Let's now write a function to build our model and later probe our model to find the usefulness of our model:

def build_model(features):
    """
    Build a naive bayes model
    with the gvien feature set.
    """
    model = nltk.NaiveBayesClassifier.train(features)
    return model    
    
def probe_model(model,features,dataset_type = 'Train'):
    """
    A utility function to check the goodness
    of our model.
    """
    accuracy = nltk.classify.accuracy(model,features)
    print "
" + dataset_type + " Accuracy = %0.2f"%(accuracy*100) + "%" 
    
def show_features(model,no_features=5):
    """
    A utility function to see how important
    various features are for our model.
    """
    print "
Feature Importance"
    print "===================
"
    print model.show_most_informative_features(no_features)        

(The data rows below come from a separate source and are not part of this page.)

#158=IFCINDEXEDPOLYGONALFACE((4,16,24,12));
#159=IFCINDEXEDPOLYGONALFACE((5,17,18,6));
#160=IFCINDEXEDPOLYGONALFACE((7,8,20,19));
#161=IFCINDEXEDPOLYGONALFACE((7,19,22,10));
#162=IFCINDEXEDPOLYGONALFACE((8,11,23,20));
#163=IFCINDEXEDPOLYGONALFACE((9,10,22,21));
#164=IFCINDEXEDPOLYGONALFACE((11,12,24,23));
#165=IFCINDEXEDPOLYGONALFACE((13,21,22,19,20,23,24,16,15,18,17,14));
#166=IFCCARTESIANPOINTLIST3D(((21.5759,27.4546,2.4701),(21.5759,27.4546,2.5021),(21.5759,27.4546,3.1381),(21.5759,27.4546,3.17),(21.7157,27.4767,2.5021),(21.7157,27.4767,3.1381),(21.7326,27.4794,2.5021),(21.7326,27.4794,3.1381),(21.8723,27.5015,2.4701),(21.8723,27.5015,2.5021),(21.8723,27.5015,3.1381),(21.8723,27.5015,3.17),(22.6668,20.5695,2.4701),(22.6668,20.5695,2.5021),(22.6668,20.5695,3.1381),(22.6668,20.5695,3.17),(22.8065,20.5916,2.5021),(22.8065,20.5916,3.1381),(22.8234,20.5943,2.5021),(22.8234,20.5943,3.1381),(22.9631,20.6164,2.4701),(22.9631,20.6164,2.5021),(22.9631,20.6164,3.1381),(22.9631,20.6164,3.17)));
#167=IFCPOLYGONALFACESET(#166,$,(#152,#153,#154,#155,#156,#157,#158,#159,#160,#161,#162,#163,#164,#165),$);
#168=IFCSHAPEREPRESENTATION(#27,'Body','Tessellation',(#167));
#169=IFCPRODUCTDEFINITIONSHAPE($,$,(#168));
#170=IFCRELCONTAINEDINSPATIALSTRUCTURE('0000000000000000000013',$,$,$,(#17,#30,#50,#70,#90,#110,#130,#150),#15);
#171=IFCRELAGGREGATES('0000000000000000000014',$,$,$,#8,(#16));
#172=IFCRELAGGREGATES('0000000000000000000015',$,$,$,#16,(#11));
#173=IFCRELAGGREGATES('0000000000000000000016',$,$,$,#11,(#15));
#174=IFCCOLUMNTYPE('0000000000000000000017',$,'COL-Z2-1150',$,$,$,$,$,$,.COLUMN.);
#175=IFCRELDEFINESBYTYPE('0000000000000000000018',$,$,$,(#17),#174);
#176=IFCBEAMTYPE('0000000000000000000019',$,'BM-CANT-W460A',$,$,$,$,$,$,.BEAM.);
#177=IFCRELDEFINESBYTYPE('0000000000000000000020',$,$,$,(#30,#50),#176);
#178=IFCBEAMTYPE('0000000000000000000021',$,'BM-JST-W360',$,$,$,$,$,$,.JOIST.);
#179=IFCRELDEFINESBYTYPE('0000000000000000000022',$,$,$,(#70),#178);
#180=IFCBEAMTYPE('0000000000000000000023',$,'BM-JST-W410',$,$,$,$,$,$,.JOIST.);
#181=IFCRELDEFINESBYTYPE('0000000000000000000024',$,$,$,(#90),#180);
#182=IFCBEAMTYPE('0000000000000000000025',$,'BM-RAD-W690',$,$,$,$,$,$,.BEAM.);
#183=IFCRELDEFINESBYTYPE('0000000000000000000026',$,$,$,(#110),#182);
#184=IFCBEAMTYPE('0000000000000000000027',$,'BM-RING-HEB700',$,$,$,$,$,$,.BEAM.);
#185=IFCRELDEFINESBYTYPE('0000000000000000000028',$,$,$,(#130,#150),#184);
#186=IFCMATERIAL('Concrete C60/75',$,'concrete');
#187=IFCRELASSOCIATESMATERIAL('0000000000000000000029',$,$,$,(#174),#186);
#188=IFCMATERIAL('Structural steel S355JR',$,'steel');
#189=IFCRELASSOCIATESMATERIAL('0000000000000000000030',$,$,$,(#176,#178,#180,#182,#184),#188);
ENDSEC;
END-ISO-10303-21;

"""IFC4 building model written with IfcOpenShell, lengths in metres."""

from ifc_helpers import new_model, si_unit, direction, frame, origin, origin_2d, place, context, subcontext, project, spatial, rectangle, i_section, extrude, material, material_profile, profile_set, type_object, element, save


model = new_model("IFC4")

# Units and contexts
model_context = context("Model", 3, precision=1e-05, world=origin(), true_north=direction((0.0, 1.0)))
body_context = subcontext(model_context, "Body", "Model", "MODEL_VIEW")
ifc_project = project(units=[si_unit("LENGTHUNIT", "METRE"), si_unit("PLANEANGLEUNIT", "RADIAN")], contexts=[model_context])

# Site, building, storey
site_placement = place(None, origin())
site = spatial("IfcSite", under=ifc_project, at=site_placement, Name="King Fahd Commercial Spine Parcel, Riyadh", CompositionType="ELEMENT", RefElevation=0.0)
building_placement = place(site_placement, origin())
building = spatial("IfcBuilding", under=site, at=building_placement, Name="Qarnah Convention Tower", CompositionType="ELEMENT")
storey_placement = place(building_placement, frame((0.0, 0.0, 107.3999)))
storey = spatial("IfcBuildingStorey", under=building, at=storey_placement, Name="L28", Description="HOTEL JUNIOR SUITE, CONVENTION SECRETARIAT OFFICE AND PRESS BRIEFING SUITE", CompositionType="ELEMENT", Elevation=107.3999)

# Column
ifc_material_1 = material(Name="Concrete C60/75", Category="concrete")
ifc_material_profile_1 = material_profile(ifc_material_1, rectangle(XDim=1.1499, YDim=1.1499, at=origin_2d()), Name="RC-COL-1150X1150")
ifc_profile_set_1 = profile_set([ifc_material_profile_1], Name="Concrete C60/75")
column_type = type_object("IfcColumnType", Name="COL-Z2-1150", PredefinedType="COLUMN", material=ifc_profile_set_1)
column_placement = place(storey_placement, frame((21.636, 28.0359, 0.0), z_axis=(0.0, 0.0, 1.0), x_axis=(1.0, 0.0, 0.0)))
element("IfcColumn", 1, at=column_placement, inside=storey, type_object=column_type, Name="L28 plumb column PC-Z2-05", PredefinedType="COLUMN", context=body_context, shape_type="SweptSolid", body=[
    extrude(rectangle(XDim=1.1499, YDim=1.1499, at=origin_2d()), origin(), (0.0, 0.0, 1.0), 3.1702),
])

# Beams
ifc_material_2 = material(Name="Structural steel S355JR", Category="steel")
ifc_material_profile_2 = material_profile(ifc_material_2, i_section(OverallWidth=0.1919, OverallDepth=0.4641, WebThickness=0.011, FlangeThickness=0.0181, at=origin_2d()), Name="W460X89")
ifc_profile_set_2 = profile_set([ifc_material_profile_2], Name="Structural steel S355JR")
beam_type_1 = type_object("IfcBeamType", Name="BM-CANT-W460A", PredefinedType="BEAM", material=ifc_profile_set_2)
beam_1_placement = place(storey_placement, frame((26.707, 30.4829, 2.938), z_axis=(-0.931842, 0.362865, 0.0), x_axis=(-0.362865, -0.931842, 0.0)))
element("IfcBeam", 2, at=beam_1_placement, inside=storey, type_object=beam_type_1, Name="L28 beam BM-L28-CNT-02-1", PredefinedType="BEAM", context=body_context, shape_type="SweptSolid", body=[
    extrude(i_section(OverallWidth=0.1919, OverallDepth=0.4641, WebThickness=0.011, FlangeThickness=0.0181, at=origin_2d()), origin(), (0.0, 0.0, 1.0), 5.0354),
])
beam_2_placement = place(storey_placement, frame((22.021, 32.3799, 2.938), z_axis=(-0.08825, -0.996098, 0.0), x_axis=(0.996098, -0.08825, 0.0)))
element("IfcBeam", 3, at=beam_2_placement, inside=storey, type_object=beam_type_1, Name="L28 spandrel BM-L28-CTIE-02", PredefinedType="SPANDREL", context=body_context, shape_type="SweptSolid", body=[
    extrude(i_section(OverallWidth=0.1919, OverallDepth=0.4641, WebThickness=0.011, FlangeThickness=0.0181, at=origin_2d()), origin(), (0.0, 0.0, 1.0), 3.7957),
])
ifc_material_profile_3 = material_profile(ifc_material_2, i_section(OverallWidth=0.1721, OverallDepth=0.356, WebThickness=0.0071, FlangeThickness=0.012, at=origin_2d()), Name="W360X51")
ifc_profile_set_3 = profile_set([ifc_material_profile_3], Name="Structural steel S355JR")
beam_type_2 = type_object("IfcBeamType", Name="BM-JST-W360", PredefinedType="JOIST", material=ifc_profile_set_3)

It is very hard to get the model right at the first pass. We need to play around with different features, and parameter tuning. This is mostly a trial and error process. In the next section of code, we will show our different passes by improving our model:

def build_model_cycle_1(train_data,dev_data):
    """
    First pass at trying out our model
    """
    # Build features for training set
    train_features =map(build_word_features,train_data)
    # Build features for test set
    dev_features = map(build_word_features,dev_data)
    # Build model
    model = build_model(train_features)    
    # Look at the model
    probe_model(model,train_features)
    probe_model(model,dev_features,'Dev')
    
    return model
    
def build_model_cycle_2(train_data,dev_data):
    """
    Second pass at trying out our model
    """

    # Build features for training set
    train_features =map(build_negate_features,train_data)
    # Build features for test set
    dev_features = map(build_negate_features,dev_data)
    # Build model
    model = build_model(train_features)    
    # Look at the model
    probe_model(model,train_features)
    probe_model(model,dev_features,'Dev')
    
    return model

    
def build_model_cycle_3(train_data,dev_data):
    """
    Third pass at trying out our model
    """
    
    # Build features for training set
    train_features =map(build_keyphrase_features,train_data)
    # Build features for test set
    dev_features = map(build_keyphrase_features,dev_data)
    # Build model
    model = build_model(train_features)    
    # Look at the model
    probe_model(model,train_features)
    probe_model(model,dev_features,'Dev')
    test_features = map(build_keyphrase_features,test_data)
    probe_model(model,test_features,'Test')
    
    return model

Finally, we will write a code with which we can invoke all our functions that were defined previously:

if __name__ == "__main__":
    
    # Load data
    input_dataset, y_labels = get_data()
    # Train data    
    train_data,all_test_data,train_y,all_test_y = get_train_test(input_dataset,y_labels)
    # Dev data
    dev_data,test_data,dev_y,test_y = get_train_test(all_test_data,all_test_y)

    # Let us look at the data size in our different 
    # datasets
    print "
Original  Data Size   =", len(input_dataset)
    print "
Training  Data Size   =", len(train_data)
    print "
Dev       Data Size   =", len(dev_data)
    print "
Testing   Data Size   =", len(test_data)    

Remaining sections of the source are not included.